I am speaking to the guy next door to me as I type this and he is the shy and retiring type and he just said, he wouldn't do an interview, first thing he said was what would I wear, it is not the same for everyone and the real issue is who do we make it manageable for those that are not used to the situation rather than those that are.


----------



## ger147 (Jan 6, 2017)

drive4show said:



			Can somebody please explain why they think having an interview to join a golf club is an issue?
		
Click to expand...

IMO it's the term "interview", as the normal connatations are with applying for a job and therefore being judged etc.

I wouldn't join a club now that doesn't have an "interview" as there are several things that are key to my enjoyment that I would want to ask about, but perhaps the name needs changed as of course in most cases it isn't an interview at all.


----------



## Qwerty (Jan 6, 2017)

There's no way I'd join a club without having an interview, I'll be asking them more questions than they're asking me.

For me a reasonable course is just part of it, I want to make sure there isn't ...low numbers in the comps, lack of comps, poor sign up system, too many car park Golfers, poor food or caterers that are never there, lack of roll ups, Duration of mats in winter, packet of crisps policy..Bowl or bag. 
Questions need to be asked!


----------



## CMNI (Jan 6, 2017)

londonlewis said:



			Been thinking about this and I really don't see it from this point of view.
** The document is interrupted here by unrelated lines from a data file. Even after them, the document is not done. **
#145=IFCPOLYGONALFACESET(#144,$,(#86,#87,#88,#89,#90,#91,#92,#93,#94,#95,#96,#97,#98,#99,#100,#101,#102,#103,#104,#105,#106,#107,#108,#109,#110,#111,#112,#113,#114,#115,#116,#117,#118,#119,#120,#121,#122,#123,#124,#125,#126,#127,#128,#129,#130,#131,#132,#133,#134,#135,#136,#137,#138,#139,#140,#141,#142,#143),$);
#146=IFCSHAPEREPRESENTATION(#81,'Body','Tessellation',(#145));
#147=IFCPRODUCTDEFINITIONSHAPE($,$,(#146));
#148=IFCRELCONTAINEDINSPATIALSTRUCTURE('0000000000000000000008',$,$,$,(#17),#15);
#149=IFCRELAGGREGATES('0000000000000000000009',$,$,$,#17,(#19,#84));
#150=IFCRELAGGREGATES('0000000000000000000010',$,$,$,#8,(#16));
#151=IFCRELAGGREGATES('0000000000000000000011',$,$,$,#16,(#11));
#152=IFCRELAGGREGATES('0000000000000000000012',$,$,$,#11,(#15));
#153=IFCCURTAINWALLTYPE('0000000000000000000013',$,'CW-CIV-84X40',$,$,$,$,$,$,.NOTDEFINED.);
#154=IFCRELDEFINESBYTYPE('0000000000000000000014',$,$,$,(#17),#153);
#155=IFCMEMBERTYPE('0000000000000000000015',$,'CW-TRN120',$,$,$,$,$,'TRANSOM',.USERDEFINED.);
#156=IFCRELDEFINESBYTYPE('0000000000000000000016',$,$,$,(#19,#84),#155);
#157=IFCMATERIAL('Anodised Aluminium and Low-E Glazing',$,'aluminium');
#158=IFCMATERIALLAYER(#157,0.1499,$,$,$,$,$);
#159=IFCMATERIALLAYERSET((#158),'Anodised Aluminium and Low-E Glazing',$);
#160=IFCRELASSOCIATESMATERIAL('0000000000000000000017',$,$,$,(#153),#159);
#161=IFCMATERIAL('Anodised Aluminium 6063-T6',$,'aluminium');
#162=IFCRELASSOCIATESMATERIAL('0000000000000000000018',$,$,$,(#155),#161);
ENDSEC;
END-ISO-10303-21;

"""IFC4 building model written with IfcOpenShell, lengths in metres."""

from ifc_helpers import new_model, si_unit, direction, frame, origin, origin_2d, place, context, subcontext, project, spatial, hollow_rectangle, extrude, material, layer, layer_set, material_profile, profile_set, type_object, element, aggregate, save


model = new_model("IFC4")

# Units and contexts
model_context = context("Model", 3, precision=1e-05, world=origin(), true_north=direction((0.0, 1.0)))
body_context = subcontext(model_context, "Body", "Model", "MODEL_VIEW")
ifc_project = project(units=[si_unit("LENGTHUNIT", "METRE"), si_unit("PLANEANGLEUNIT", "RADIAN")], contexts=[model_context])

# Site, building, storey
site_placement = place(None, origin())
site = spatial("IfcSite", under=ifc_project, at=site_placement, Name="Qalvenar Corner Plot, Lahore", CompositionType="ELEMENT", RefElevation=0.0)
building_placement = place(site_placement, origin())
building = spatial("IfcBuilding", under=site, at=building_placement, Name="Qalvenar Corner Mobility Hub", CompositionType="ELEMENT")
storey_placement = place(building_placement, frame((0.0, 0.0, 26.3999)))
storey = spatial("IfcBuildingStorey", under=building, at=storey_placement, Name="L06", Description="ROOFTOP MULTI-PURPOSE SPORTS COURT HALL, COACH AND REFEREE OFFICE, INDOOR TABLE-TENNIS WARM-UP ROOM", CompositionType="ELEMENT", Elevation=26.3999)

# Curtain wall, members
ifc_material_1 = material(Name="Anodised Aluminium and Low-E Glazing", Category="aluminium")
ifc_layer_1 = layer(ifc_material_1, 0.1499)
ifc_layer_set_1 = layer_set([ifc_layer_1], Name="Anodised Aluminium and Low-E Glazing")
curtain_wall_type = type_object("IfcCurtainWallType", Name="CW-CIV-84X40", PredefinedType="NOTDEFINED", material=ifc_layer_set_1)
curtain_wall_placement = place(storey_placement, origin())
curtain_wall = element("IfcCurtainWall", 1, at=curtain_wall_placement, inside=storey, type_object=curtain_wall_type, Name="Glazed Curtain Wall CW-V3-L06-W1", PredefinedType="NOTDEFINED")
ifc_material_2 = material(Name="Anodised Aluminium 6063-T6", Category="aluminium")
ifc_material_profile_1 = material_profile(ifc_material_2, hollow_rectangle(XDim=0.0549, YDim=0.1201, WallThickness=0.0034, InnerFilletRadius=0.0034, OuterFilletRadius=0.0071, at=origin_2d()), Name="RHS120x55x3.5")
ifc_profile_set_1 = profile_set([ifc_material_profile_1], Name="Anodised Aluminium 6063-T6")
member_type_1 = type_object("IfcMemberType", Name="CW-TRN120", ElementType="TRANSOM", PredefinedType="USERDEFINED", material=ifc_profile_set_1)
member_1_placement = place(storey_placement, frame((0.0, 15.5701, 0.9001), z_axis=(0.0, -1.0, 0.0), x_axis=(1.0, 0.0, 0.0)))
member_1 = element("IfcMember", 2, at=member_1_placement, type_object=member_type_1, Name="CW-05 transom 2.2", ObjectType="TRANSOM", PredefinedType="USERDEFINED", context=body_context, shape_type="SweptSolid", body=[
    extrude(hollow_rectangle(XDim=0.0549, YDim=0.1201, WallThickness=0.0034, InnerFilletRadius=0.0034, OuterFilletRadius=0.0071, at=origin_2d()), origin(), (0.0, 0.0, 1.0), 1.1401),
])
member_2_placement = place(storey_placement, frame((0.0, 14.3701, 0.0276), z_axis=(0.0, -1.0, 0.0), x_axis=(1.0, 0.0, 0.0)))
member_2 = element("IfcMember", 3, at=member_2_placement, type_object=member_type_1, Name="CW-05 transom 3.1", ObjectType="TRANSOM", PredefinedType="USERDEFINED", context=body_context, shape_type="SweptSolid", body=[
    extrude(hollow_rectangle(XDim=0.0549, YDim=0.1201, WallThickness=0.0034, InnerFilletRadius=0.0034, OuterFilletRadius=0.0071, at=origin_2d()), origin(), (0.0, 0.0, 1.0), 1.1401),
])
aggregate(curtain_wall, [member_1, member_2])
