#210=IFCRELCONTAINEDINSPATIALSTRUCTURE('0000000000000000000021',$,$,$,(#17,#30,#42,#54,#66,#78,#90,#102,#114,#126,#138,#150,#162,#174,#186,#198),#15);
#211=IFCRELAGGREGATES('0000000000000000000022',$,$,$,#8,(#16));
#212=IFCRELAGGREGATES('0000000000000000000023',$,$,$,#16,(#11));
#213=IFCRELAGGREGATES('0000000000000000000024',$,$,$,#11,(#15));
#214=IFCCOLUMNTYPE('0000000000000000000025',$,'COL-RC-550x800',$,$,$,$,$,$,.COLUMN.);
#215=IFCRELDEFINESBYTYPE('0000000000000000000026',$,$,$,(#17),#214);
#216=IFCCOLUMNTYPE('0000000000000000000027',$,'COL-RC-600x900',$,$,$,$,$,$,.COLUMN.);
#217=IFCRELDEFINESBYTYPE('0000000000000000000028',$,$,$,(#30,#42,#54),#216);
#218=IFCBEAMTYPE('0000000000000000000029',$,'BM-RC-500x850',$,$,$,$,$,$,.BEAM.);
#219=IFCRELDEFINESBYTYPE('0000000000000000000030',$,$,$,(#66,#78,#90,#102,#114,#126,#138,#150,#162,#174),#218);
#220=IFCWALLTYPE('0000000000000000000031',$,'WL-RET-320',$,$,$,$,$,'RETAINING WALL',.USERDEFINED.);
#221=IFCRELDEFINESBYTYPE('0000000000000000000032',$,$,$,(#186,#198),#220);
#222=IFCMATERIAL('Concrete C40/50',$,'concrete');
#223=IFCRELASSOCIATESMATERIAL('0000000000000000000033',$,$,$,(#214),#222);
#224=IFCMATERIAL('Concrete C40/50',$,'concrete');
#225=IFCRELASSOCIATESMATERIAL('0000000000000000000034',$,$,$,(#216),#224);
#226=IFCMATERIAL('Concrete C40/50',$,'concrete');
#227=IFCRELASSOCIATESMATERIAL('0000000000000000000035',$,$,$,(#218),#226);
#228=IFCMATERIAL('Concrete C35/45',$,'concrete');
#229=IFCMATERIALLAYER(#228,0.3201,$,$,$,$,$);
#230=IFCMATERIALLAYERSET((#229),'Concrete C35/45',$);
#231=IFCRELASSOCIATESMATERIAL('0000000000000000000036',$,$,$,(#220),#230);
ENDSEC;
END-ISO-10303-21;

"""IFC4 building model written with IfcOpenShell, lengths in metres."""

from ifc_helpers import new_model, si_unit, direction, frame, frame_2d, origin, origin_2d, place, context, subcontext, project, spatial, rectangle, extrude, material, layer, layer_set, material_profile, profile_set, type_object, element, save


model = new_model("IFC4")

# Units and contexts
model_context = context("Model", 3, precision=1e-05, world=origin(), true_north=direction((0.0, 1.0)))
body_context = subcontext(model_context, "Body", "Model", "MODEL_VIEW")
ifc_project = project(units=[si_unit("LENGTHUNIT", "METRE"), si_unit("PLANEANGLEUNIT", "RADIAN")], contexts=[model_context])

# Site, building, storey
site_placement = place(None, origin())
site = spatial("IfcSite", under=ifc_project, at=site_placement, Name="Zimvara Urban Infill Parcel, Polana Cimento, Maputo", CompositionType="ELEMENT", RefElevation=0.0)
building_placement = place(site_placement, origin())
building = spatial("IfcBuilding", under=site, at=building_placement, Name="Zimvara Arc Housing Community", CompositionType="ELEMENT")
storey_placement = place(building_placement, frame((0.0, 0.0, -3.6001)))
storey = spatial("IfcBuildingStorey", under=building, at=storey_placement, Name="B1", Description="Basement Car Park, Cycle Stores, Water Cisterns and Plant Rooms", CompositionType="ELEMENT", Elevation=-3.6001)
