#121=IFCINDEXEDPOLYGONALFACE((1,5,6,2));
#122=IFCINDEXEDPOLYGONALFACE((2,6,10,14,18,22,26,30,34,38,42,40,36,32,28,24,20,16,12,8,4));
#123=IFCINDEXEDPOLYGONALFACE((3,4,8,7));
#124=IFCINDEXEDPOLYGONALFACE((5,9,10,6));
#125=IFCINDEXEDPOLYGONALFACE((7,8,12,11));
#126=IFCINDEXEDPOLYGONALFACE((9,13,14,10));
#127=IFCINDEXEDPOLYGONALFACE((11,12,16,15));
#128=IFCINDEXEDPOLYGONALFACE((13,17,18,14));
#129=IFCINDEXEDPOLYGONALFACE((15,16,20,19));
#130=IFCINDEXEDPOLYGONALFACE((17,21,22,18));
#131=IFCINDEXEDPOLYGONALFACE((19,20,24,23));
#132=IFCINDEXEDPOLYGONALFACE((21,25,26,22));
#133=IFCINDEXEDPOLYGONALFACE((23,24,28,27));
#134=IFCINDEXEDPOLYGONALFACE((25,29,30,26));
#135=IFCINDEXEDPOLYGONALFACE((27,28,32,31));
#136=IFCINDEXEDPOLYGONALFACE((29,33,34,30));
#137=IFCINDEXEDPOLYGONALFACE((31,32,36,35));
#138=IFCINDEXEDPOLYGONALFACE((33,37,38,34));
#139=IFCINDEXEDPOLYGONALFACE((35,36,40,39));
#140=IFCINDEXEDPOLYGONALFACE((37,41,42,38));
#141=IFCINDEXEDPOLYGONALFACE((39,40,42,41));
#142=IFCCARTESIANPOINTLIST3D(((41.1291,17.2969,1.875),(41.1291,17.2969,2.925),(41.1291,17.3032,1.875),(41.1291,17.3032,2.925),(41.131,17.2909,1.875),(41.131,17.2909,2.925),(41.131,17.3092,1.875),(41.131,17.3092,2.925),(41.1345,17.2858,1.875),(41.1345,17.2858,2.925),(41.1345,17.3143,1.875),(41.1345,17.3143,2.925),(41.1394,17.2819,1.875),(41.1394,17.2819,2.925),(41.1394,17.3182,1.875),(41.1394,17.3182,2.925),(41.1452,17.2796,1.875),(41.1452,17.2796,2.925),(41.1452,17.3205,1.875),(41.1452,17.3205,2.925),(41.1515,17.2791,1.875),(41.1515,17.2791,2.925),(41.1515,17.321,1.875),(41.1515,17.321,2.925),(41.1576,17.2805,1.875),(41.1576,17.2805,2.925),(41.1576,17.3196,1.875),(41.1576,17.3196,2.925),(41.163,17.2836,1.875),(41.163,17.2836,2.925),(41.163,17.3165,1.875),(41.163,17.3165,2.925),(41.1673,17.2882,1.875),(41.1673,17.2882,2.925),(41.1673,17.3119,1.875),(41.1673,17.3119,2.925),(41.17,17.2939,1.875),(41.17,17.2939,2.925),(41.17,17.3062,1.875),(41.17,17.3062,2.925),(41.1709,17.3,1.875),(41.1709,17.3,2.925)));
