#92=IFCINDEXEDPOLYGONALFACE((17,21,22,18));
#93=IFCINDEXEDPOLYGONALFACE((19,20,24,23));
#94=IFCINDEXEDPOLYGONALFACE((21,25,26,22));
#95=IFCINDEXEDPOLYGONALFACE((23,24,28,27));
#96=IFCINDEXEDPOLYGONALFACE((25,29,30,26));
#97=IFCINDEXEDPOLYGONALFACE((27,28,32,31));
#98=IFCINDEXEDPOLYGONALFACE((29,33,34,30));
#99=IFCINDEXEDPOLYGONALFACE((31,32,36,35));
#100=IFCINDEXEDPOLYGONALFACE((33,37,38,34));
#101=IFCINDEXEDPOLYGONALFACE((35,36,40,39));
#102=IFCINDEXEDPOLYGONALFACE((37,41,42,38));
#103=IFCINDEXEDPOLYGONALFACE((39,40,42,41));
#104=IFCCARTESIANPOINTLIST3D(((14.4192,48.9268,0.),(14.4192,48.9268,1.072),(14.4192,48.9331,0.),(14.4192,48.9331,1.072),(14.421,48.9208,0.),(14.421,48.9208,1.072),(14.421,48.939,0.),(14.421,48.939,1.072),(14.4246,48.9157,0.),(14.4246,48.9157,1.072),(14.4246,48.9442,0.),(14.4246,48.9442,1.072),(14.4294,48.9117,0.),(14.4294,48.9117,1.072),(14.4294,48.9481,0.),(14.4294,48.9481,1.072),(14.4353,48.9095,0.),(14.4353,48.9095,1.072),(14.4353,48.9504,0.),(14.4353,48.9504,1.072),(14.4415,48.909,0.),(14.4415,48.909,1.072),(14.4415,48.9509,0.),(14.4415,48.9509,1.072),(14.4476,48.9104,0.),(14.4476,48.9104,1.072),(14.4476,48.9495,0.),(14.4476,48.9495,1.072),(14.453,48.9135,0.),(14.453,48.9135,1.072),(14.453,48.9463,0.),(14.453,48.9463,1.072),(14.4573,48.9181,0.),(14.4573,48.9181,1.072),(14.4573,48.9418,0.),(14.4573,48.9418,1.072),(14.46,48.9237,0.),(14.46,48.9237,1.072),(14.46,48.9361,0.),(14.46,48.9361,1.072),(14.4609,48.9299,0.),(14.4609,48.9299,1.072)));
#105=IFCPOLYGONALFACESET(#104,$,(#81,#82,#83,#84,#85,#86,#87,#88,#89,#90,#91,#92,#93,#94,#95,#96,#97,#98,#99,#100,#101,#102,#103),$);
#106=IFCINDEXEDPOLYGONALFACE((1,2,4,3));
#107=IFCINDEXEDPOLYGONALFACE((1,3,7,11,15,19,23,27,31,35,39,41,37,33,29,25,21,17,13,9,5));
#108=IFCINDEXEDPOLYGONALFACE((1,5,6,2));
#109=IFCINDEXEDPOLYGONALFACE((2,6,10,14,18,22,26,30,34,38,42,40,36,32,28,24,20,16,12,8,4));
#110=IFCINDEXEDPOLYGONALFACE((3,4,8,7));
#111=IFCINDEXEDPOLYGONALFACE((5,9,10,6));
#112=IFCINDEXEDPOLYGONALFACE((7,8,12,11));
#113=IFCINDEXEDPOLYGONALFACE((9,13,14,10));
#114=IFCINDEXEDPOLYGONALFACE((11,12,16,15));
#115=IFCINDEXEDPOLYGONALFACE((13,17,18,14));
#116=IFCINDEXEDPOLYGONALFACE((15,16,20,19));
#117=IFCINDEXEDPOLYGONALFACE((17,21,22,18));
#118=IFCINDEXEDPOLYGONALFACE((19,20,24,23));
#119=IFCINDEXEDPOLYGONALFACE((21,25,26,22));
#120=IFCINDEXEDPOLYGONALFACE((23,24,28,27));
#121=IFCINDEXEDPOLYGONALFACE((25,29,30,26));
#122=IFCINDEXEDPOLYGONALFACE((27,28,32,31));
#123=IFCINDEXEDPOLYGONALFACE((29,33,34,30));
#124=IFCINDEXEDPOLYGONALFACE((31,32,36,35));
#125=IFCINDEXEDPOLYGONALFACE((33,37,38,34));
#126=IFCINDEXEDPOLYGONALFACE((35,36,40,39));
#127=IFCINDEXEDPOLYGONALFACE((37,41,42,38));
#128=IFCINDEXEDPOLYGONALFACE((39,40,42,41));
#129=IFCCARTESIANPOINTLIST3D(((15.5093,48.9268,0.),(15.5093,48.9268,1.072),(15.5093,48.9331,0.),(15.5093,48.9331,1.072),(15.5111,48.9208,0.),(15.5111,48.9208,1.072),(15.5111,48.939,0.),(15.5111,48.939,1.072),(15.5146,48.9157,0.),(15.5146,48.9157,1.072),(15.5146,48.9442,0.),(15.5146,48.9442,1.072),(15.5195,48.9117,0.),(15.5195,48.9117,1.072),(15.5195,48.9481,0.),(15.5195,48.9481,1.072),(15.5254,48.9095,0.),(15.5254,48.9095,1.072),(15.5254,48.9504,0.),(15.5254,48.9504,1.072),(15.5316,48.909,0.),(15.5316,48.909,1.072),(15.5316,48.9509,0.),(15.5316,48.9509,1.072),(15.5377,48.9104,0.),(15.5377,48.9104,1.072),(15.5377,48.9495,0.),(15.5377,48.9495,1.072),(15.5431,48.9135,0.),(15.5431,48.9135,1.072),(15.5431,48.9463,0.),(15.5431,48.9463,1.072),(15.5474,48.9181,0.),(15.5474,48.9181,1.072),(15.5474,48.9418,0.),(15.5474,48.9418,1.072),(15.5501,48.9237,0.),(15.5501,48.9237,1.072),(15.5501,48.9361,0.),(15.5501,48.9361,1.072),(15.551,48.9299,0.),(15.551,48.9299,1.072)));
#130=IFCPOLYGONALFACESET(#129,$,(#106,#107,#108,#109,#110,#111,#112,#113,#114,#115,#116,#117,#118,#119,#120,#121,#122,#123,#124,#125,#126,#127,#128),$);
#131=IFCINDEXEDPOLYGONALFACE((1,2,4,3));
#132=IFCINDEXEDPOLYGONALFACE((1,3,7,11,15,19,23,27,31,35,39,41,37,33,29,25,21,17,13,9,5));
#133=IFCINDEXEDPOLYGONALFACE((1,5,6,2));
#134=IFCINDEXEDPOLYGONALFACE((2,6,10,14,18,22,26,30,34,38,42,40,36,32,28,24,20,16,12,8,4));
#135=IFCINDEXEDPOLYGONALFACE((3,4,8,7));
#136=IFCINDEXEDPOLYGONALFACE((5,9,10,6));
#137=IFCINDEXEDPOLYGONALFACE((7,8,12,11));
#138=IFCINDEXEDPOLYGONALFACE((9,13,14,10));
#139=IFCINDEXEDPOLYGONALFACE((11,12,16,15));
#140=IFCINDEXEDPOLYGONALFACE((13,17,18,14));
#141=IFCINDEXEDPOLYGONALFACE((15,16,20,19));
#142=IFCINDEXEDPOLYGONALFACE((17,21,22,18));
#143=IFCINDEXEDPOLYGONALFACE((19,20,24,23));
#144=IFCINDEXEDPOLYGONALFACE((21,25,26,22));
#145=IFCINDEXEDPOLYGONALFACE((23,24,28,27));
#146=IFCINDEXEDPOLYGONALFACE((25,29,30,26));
If you really want to join a golf club you aren't going to be put off because someone asks you to sit down to have a chat.
		
Click to expand...


In your opinion.  When I have to pay, when I have a wide open choice, why should I need interviewed?


----------



## Coffey (Jan 6, 2017)

drive4show said:



			Can somebody please explain why they think having an interview to join a golf club is an issue?
		
Click to expand...

You need to think of this from the point of view of someone who is taking up the sport. They have maybe played a few par 3 courses and spent time at the range but are not confident in their ability and the rules etc. They now want to take up the game a bit more seriously, they have heard all of the stories about golf being elitist and how clubs can be very picky etc. They try and join and club are told of the process. As a new golfer this is completely off putting. Having to go through all the stages as if you are going for a job when in reality you are paying to be there. 

I have been playing golf for 3 years now and went through this exact thought process before joining my club. Obviously looking back on it now, there was nothing to worry about.

I feel interview is a strong word and should be changed to welcome chat or something as interview comes across as if you are going to be questioned about everything and all your answers written down and graded. (which was not the case for my 'interview')

For people who are already golfers and have experience of being part of a club they know this process is not difficult and 99% of people will be accepted but from the outside this is not the perception, people see joining clubs to be difficult and always see them as being posh and elitist. 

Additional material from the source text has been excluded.